Napier Dagger
The Napier Dagger was FB Halford’s most successful air-cooled engine design for Napier and the only one of his designs to go any way to replace Montague Napier’s rugged Lion! The 24-cylinder supercharged engine was of vertical ‘H’ configuration with twin crankshafts geared together. It included Halford patented hydraulic tappets operated from its four sets of single overhead camshaft gear.
Napier Dagger Engine
Cylinders. 24 ‘H’
Bore & Stroke 3.13/16″ x 3.3/4″
Power Output (Maximum)
- Dagger I E98 705 HP @ 4,000 RPM
- Dagger II E104 760 HP @ 4,000 RPM. E98 modified
- Dagger 800 E105 805 HP @ 4,000 RPM. Double entry blower
- Dagger H10 E108 935 HP @ 4,100 RPM. Two speed supercharger
- Dagger VIII E110 1,000 HP @ 4,200 RPM.
To take hydromatic airscrew w. 2 sp. supercharger - Enlarged Dagger E112 Probably never produced
For engine cooling, air was ducted between the upper and lower cylinders using baffles that directed the air’s flow through the cylinders’ integral cooling fins and outer side of the cylinder banks.

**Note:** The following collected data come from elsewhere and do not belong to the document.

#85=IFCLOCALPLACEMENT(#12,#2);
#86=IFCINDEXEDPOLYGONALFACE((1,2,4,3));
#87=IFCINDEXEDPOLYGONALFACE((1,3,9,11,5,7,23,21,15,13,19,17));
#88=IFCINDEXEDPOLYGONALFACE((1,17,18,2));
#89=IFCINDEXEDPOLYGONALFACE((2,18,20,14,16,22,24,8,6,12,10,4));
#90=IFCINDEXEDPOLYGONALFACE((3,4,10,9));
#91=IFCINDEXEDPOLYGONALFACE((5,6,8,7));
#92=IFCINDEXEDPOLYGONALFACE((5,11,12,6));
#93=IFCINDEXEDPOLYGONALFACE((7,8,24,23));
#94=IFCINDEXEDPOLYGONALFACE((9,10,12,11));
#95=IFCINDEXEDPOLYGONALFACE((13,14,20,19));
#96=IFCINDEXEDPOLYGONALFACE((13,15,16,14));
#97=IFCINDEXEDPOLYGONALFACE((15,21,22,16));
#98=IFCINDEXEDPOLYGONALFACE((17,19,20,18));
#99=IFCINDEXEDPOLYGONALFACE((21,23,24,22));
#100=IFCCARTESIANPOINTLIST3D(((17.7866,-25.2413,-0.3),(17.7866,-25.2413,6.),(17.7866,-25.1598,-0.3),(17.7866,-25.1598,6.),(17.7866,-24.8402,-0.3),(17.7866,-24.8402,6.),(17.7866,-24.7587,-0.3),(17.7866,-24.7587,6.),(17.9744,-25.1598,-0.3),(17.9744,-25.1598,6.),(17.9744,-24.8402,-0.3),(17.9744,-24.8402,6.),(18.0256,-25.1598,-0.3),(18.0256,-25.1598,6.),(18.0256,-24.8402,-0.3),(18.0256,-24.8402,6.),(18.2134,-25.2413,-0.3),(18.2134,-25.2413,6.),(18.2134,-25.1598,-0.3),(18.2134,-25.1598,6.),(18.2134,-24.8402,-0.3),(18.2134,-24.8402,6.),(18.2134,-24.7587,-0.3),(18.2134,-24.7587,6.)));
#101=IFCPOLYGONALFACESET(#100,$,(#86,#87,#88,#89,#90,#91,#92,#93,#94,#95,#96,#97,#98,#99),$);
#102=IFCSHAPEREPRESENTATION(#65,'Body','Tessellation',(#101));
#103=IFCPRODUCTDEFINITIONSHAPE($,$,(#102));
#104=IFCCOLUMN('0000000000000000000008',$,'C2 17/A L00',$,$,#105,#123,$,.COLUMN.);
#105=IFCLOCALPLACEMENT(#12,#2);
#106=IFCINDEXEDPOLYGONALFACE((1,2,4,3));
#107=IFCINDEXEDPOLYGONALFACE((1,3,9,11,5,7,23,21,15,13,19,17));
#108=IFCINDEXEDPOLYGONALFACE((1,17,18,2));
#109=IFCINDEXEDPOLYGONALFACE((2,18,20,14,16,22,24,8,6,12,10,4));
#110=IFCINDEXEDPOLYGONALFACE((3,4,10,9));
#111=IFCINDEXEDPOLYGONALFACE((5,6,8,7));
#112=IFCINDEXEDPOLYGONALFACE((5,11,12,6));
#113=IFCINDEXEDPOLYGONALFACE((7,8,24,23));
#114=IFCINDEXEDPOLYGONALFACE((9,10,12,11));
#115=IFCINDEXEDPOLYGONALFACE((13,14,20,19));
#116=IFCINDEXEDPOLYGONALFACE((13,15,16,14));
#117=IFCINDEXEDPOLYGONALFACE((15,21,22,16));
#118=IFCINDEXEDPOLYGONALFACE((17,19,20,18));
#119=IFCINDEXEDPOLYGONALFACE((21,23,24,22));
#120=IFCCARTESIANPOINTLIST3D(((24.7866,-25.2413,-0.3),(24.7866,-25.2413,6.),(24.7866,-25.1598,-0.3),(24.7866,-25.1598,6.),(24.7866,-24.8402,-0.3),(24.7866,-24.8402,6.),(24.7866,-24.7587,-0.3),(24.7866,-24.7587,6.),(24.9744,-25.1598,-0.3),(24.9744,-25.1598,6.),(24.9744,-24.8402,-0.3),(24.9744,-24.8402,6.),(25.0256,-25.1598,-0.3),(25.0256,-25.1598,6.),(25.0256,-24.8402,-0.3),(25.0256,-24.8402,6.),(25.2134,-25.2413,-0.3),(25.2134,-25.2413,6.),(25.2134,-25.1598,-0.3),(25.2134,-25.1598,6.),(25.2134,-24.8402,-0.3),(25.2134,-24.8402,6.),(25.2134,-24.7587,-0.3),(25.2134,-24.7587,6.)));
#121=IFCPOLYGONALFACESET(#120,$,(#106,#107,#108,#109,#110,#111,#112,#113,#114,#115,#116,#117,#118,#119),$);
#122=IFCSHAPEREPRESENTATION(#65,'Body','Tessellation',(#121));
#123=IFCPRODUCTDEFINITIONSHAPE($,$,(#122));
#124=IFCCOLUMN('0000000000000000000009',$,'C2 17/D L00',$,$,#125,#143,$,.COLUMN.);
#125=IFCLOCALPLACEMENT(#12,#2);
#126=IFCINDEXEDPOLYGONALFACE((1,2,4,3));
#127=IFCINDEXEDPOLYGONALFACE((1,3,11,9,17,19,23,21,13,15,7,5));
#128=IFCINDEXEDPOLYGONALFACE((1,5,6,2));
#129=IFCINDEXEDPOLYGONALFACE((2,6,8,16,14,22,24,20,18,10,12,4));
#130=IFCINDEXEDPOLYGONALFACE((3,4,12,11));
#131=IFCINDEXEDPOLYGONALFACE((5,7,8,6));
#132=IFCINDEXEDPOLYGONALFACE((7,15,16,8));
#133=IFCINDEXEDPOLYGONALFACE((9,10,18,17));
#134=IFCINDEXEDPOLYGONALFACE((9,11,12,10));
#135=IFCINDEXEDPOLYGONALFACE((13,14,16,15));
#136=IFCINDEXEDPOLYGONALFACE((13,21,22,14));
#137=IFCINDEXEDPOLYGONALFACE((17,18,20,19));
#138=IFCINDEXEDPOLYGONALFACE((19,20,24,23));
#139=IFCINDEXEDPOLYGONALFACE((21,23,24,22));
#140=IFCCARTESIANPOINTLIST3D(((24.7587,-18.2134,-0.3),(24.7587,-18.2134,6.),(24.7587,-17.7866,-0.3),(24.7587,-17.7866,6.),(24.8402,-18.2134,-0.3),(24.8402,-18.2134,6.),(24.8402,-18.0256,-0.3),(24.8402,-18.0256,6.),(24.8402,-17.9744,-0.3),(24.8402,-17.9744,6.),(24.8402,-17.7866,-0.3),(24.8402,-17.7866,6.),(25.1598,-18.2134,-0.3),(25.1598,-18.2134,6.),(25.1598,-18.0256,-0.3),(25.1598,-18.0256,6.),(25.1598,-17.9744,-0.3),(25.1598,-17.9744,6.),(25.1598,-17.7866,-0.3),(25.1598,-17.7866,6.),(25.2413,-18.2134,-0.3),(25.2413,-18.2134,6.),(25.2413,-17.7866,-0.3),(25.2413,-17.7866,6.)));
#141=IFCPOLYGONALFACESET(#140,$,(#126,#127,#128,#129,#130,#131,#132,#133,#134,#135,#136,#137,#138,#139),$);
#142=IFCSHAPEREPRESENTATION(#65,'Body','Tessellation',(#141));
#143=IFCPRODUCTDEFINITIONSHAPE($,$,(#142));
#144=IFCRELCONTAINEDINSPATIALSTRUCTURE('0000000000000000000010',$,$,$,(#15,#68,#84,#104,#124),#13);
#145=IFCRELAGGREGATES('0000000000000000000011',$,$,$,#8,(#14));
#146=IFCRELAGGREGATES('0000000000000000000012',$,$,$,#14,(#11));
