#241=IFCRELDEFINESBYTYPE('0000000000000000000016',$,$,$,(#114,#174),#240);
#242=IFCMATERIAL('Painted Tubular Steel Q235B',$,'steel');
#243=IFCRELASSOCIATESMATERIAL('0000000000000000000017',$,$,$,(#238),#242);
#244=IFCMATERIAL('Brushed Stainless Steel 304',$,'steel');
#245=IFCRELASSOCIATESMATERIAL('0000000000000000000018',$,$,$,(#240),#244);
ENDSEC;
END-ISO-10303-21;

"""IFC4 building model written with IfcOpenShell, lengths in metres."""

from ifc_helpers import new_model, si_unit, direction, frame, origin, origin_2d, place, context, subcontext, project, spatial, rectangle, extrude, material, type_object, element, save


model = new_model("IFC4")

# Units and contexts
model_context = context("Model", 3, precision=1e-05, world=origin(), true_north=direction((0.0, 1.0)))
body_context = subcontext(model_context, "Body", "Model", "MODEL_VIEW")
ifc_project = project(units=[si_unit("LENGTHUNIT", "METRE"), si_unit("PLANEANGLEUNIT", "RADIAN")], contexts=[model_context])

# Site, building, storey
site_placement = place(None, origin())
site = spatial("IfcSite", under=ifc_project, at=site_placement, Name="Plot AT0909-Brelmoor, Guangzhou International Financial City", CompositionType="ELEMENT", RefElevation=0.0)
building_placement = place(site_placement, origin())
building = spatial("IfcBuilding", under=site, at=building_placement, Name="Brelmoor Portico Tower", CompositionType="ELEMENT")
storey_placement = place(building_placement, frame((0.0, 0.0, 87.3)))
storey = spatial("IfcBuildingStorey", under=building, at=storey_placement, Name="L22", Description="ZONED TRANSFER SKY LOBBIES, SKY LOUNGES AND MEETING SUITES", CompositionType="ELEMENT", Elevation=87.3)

The Dagger I was installed in a Hawker Hart (K2434) biplane serving as an engine testbed making its first flight on 17 December 1933. The Dagger II followed making its first flight in the same aircraft during January 1935. Around September that year the Dagger III was also tested and was chosen for the Hawker Hector of which 179 examples were built. It was also fitted in the Martin-Baker MB2 monoplane fighter aircraft development.
In March 1937, the Dagger VIII was selected for a Dagger powered version of the Handley Page HP.52 Hampden , the HP.53 Hereford I. This was a twin-engine monoplane medium bomber and 100 examples were ordered in August 1937 and saw active service in Europe and North Atlantic early in WWII..
Despite receiving the full support of the Air Ministry this engine failed to break into the market in a big way. Napier would return its attention to water cooled engines such as its big 24-cylinder E107 Sabre.